The police officers who testified formed an implacable blue wall. Chief Superintendent Orr, who now held the rank of assistant chief constable, said that he recalled neither having sent Trench to interview Margaret Birrell nor having said “This is the first real clue we have got.” Inspector Pyper, now chief detective inspector, said that Lambie had never told him about A.B. on the night of the murder and had said she could not identify the intruder.
Millar also took testimony from Lambie and Birrell. Lambie, now married to a coal miner named Robert Gillon, denied having mentioned A.B.’s name. She further denied having been shown a sketch of Slater by Trench, having been questioned by Trench about A.B., and having told him, “It’s gey funny if it wasn’t him I saw.” Birrell denied that Lambie had told her about A.B. and denied having recounted as much to Trench.
A few witnesses gave testimony that should have weighed in Slater’s favor, including two not heard at the original trial: the greengrocer Duncan MacBrayne and Colin MacCallum, the bootmaker who was Barrowman’s employer.

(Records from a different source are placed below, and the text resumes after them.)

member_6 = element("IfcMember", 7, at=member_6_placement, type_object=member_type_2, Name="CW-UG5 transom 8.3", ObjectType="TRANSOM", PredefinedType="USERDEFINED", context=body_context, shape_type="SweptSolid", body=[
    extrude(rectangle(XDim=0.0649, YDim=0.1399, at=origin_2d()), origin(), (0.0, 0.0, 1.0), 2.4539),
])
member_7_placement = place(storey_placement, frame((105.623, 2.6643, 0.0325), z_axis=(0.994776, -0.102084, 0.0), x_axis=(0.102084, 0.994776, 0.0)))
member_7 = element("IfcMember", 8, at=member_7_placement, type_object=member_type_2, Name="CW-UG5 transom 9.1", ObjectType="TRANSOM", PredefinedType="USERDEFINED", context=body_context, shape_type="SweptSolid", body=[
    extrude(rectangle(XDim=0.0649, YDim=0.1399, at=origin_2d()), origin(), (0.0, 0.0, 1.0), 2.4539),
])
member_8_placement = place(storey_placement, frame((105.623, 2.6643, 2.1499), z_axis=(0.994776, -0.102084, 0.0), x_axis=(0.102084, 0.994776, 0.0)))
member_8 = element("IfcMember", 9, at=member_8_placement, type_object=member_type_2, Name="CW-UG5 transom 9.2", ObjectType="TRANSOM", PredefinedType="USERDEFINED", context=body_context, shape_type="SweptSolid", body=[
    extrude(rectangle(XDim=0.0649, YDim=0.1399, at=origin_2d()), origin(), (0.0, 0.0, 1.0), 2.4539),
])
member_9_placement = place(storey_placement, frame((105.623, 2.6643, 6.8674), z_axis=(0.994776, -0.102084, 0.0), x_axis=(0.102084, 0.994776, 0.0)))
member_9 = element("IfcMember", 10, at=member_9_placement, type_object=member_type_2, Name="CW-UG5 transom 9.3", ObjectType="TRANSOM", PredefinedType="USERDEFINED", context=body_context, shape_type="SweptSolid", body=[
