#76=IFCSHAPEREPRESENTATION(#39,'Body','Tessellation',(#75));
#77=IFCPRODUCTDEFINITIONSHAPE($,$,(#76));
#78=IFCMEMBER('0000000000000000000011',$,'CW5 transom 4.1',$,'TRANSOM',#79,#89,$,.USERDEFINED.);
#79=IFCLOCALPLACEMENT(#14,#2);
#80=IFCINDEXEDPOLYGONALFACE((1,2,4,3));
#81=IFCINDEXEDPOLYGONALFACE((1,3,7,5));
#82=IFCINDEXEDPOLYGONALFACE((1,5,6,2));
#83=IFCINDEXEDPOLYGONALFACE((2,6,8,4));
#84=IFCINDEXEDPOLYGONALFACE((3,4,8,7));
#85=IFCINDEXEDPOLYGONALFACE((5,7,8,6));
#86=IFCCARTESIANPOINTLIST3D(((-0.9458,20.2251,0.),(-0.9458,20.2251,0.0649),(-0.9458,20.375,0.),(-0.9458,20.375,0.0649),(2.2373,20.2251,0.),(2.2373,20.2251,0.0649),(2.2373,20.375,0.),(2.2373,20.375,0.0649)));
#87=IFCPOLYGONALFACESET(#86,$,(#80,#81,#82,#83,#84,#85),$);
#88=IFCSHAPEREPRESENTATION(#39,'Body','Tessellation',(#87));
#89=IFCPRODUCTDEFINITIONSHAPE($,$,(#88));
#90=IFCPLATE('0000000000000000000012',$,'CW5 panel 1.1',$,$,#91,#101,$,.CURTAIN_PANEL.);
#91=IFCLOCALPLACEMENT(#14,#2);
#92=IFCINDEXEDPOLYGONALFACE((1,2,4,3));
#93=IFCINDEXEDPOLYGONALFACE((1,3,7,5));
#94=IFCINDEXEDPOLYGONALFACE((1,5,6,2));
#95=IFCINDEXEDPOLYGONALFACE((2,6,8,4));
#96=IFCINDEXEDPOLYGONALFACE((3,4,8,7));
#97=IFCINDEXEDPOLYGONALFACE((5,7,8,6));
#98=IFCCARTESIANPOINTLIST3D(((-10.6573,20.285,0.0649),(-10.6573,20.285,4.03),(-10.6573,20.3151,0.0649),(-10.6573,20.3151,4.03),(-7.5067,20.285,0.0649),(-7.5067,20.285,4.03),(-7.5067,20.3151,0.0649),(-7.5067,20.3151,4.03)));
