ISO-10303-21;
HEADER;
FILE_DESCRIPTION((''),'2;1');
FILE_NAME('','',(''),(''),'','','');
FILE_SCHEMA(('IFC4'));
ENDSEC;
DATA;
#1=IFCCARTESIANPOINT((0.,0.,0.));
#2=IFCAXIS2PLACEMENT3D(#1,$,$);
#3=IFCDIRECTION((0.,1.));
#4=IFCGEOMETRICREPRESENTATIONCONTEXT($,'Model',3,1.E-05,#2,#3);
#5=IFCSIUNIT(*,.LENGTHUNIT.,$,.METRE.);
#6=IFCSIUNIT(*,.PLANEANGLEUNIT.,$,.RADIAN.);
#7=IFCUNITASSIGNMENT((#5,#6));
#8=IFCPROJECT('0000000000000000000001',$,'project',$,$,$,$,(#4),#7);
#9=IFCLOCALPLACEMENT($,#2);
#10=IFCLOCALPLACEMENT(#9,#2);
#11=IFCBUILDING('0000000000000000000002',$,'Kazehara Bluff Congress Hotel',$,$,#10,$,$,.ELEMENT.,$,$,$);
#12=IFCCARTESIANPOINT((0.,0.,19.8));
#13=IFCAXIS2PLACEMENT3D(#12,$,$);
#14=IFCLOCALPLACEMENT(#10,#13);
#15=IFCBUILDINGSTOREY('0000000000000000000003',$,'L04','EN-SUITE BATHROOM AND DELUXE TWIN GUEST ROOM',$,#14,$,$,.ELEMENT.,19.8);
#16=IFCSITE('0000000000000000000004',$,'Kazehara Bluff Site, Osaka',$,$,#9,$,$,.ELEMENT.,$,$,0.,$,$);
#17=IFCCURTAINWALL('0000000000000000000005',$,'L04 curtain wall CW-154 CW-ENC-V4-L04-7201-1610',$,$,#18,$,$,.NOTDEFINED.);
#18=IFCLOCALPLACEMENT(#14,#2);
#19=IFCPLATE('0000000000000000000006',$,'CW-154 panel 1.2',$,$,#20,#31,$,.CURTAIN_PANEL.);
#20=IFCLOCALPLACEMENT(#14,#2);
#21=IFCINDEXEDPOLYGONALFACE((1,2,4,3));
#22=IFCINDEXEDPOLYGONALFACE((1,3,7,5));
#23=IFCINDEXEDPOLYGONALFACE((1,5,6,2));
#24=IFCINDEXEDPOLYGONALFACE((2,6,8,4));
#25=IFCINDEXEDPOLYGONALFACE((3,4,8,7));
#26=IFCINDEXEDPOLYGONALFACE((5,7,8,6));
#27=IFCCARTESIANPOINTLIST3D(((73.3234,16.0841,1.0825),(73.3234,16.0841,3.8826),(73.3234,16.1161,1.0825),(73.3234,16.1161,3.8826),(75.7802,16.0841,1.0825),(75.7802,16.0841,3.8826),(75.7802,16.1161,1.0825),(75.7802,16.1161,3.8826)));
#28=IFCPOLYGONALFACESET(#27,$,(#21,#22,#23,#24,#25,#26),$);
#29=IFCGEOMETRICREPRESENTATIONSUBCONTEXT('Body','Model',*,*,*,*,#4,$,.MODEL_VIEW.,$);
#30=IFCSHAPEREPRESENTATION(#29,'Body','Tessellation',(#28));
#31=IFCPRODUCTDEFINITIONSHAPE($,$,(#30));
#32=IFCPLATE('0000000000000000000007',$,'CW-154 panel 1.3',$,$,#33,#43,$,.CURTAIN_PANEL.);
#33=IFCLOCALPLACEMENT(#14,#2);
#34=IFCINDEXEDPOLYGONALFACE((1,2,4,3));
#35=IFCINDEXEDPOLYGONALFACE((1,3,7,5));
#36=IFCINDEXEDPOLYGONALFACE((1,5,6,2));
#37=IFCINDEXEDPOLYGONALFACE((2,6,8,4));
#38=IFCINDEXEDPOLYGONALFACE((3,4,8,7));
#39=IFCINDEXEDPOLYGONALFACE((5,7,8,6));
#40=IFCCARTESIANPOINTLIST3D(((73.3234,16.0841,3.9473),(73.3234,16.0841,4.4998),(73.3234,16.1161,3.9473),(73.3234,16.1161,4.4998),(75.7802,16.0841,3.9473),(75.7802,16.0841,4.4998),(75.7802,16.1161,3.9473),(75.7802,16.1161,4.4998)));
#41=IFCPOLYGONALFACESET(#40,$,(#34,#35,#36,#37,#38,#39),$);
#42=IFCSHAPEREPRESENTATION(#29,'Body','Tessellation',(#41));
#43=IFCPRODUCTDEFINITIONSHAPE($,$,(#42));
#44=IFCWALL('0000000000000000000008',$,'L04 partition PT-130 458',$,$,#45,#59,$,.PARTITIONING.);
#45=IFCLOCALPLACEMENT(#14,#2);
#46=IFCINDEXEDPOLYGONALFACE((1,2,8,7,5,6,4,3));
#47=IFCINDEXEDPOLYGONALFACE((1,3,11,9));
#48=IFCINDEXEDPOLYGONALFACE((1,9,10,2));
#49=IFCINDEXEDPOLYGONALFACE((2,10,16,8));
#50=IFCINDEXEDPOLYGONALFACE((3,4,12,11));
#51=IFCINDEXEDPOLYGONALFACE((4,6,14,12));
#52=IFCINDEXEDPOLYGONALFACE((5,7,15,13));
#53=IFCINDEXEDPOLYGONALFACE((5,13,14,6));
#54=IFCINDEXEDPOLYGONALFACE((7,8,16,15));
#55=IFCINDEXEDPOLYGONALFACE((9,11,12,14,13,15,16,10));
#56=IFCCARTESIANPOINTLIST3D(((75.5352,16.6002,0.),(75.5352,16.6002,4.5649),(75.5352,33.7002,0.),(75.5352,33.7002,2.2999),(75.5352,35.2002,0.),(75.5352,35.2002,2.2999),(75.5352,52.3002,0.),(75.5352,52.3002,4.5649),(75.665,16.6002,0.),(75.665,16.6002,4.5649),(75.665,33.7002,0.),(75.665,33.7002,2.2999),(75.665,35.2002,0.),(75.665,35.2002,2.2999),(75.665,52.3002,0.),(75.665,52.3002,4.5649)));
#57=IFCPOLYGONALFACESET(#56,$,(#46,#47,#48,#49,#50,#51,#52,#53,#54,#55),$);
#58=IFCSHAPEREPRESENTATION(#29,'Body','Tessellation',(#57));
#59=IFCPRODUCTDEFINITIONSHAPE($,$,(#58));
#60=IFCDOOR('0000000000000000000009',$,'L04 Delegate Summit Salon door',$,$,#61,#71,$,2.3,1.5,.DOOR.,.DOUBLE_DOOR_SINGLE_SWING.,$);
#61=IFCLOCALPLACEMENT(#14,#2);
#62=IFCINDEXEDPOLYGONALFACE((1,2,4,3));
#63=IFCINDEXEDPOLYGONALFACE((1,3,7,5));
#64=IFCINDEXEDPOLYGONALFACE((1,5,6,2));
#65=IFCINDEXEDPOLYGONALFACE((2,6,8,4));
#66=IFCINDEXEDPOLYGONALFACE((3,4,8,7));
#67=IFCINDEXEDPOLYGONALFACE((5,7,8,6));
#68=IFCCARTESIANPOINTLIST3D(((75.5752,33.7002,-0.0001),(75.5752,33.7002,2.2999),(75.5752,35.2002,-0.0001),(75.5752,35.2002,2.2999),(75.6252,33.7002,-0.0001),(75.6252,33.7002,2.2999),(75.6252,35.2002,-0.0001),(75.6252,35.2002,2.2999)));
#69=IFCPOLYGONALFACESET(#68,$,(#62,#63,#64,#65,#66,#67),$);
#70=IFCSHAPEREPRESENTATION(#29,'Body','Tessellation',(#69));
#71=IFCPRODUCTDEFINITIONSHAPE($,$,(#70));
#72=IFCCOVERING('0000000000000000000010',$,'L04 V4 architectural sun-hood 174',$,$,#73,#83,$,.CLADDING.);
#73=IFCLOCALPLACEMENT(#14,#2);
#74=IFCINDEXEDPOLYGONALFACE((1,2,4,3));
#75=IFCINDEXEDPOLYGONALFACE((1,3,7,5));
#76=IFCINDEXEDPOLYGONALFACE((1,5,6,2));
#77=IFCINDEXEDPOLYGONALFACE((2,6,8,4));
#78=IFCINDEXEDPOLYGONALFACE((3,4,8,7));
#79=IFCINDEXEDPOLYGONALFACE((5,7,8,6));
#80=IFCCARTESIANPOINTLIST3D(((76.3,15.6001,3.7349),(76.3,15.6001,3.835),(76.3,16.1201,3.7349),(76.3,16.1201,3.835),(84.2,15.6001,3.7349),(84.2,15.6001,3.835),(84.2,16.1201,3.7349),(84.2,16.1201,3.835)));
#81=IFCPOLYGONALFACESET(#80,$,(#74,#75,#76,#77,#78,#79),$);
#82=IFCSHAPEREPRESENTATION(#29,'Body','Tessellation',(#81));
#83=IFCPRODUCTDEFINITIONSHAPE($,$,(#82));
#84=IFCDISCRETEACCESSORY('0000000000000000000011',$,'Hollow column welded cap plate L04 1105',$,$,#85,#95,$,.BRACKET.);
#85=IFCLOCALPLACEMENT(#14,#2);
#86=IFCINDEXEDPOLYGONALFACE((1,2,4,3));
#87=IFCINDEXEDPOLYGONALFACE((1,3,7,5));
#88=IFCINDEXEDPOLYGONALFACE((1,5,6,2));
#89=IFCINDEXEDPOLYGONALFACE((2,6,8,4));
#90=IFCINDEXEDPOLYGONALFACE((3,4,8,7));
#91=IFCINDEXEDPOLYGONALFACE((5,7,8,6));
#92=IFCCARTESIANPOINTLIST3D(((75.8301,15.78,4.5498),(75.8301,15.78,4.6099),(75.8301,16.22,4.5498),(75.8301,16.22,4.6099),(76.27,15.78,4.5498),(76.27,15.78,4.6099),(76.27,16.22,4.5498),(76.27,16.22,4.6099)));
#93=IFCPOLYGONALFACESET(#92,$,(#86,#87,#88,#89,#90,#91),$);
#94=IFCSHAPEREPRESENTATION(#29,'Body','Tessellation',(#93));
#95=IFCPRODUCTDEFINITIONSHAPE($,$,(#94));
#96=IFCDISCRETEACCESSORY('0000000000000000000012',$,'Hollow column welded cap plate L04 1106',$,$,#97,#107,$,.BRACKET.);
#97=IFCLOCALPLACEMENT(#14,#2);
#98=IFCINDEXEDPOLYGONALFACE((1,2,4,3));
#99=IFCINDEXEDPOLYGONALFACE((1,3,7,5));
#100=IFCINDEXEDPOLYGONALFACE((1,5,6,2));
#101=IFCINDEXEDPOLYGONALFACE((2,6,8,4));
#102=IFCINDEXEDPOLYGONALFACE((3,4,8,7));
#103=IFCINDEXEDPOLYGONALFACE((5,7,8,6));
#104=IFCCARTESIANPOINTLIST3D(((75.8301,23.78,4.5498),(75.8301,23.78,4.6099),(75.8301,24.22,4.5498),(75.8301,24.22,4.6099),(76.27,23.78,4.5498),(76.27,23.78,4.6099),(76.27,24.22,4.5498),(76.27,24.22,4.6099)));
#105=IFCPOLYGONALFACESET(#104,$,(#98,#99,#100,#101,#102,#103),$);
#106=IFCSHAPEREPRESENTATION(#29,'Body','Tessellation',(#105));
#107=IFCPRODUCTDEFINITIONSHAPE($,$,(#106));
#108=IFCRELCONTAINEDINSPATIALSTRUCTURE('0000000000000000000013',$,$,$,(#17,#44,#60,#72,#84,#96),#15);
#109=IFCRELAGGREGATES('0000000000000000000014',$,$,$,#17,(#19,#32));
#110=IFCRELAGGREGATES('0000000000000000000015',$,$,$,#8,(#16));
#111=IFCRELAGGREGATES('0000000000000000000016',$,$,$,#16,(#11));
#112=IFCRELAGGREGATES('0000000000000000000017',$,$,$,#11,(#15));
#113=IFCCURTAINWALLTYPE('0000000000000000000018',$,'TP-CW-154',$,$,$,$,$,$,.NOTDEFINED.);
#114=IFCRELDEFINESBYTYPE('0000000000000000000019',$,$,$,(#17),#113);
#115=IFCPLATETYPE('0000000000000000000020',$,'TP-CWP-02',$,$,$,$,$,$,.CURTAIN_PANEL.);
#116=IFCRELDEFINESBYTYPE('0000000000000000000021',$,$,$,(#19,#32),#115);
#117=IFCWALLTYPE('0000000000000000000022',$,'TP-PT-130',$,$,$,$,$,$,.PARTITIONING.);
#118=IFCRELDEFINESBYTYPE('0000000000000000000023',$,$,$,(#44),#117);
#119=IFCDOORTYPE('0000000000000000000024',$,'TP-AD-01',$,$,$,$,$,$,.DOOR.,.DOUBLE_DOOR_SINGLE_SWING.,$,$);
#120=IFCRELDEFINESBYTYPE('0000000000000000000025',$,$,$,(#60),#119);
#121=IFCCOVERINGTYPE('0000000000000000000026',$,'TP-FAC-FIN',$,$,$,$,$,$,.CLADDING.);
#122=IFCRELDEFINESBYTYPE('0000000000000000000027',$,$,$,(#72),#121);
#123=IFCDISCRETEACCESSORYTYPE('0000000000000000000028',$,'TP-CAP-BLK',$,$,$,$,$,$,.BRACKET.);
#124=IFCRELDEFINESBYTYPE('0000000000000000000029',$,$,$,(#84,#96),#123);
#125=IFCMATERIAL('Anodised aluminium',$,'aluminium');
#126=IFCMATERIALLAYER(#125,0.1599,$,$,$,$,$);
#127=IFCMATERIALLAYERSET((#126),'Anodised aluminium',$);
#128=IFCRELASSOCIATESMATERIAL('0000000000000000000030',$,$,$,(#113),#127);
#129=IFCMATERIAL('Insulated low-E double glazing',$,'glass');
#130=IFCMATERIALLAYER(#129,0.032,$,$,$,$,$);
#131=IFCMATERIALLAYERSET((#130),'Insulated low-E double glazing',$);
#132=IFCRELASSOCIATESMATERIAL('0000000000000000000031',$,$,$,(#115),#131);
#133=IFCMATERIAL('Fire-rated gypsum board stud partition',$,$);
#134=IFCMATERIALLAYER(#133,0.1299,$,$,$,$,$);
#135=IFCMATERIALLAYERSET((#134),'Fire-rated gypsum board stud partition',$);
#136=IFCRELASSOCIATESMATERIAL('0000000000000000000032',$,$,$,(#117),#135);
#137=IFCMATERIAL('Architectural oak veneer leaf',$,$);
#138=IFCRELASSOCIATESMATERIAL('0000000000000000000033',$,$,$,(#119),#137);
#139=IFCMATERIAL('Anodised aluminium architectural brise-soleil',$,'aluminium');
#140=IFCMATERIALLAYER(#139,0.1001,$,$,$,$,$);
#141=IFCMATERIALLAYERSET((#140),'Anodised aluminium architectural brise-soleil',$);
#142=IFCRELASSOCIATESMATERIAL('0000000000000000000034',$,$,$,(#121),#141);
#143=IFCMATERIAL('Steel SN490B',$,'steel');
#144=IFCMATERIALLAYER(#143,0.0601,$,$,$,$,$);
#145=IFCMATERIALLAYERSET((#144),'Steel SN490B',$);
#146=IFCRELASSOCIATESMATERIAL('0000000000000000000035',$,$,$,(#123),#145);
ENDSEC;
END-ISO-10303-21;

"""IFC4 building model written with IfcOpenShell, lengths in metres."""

from ifc_helpers import new_model, si_unit, direction, frame, frame_2d, origin, origin_2d, place, context, subcontext, project, spatial, rectangle, extrude, material, layer, layer_set, type_object, element, fill, aggregate, save


model = new_model("IFC4")

# Units and contexts
model_context = context("Model", 3, precision=1e-05, world=origin(), true_north=direction((0.0, 1.0)))
body_context = subcontext(model_context, "Body", "Model", "MODEL_VIEW")
ifc_project = project(units=[si_unit("LENGTHUNIT", "METRE"), si_unit("PLANEANGLEUNIT", "RADIAN")], contexts=[model_context])

# Site, building, storey
site_placement = place(None, origin())
site = spatial("IfcSite", under=ifc_project, at=site_placement, Name="Kazehara Bluff Site, Osaka", CompositionType="ELEMENT", RefElevation=0.0)
building_placement = place(site_placement, origin())
building = spatial("IfcBuilding", under=site, at=building_placement, Name="Kazehara Bluff Congress Hotel", CompositionType="ELEMENT")
storey_placement = place(building_placement, frame((0.0, 0.0, 19.8)))
storey = spatial("IfcBuildingStorey", under=building, at=storey_placement, Name="L04", Description="EN-SUITE BATHROOM AND DELUXE TWIN GUEST ROOM", CompositionType="ELEMENT", Elevation=19.8)

# Curtain wall
ifc_material_1 = material(Name="Anodised aluminium", Category="aluminium")
ifc_layer_1 = layer(ifc_material_1, 0.1599)
ifc_layer_set_1 = layer_set([ifc_layer_1], Name="Anodised aluminium")
curtain_wall_type_1 = type_object("IfcCurtainWallType", Name="TP-CW-154", PredefinedType="NOTDEFINED", material=ifc_layer_set_1)
curtain_wall_1_placement = place(storey_placement, origin())
curtain_wall_1 = element("IfcCurtainWall", 1, at=curtain_wall_1_placement, inside=storey, type_object=curtain_wall_type_1, Name="L04 curtain wall CW-154 CW-ENC-V4-L04-7201-1610", PredefinedType="NOTDEFINED")
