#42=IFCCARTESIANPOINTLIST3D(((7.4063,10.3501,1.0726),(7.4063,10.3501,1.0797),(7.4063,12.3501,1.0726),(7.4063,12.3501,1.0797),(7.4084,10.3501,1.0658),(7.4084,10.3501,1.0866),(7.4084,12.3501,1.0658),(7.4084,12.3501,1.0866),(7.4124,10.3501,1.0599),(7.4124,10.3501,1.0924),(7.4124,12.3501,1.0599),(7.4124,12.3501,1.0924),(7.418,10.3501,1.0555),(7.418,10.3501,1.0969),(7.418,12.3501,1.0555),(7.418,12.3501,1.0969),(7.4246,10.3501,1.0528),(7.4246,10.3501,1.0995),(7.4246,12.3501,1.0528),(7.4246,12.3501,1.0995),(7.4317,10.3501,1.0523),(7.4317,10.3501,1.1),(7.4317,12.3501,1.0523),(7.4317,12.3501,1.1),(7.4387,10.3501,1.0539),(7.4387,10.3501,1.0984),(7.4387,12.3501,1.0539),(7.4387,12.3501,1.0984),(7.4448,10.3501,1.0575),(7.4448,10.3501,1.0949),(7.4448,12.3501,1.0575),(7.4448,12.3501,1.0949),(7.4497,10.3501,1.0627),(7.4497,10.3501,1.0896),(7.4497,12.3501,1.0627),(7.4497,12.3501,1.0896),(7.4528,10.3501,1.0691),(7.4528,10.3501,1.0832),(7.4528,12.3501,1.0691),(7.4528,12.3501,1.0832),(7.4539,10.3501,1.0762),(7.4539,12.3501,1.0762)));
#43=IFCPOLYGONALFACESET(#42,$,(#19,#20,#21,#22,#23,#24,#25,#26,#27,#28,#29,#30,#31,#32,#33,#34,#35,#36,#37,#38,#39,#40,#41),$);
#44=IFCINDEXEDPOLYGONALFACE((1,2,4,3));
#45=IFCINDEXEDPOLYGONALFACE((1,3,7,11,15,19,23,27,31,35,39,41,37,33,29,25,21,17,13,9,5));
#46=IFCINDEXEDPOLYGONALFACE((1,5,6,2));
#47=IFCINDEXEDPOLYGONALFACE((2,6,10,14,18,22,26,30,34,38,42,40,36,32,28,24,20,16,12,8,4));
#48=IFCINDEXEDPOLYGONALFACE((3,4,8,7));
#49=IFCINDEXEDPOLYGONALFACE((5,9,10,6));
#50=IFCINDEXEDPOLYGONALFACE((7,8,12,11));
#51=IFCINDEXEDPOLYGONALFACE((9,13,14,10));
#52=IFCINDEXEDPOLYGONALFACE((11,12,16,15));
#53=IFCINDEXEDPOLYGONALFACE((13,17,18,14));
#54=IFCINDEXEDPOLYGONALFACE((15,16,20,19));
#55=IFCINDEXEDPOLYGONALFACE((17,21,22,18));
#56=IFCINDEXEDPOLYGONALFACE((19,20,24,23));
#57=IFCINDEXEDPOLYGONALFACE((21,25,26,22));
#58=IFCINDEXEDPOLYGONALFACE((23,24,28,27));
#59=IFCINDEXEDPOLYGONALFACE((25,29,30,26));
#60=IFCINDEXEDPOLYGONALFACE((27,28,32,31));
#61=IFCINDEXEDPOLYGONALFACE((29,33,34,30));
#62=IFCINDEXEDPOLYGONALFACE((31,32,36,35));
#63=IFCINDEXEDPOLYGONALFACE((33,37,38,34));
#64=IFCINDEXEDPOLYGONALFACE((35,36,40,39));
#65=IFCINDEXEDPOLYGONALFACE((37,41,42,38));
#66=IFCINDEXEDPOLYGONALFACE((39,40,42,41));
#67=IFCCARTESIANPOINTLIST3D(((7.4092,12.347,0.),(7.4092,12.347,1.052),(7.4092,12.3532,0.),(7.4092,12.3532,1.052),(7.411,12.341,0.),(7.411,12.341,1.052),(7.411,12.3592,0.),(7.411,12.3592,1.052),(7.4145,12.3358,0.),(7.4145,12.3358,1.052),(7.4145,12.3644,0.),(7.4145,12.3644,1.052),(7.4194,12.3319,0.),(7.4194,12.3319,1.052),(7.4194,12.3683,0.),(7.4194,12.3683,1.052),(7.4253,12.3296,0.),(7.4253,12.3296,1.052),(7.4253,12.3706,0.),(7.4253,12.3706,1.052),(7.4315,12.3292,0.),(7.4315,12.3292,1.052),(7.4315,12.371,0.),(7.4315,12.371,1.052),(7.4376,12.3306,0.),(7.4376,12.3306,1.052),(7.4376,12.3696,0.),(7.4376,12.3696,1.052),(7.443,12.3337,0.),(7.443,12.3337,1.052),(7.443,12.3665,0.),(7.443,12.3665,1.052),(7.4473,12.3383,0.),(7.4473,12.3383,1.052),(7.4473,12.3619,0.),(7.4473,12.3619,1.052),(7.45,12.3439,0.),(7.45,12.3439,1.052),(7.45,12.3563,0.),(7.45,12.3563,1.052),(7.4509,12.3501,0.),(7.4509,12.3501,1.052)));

MacBrayne testified to having seen Slater standing serenely in front of his own apartment-house door at eight-fifteen on the night of the murder—precisely the time he was alleged to have been weaving through the streets of suburban Glasgow after having killed Miss Gilchrist. MacCallum testified that Barrowman had no errand that would have taken her through West Princes Street that night.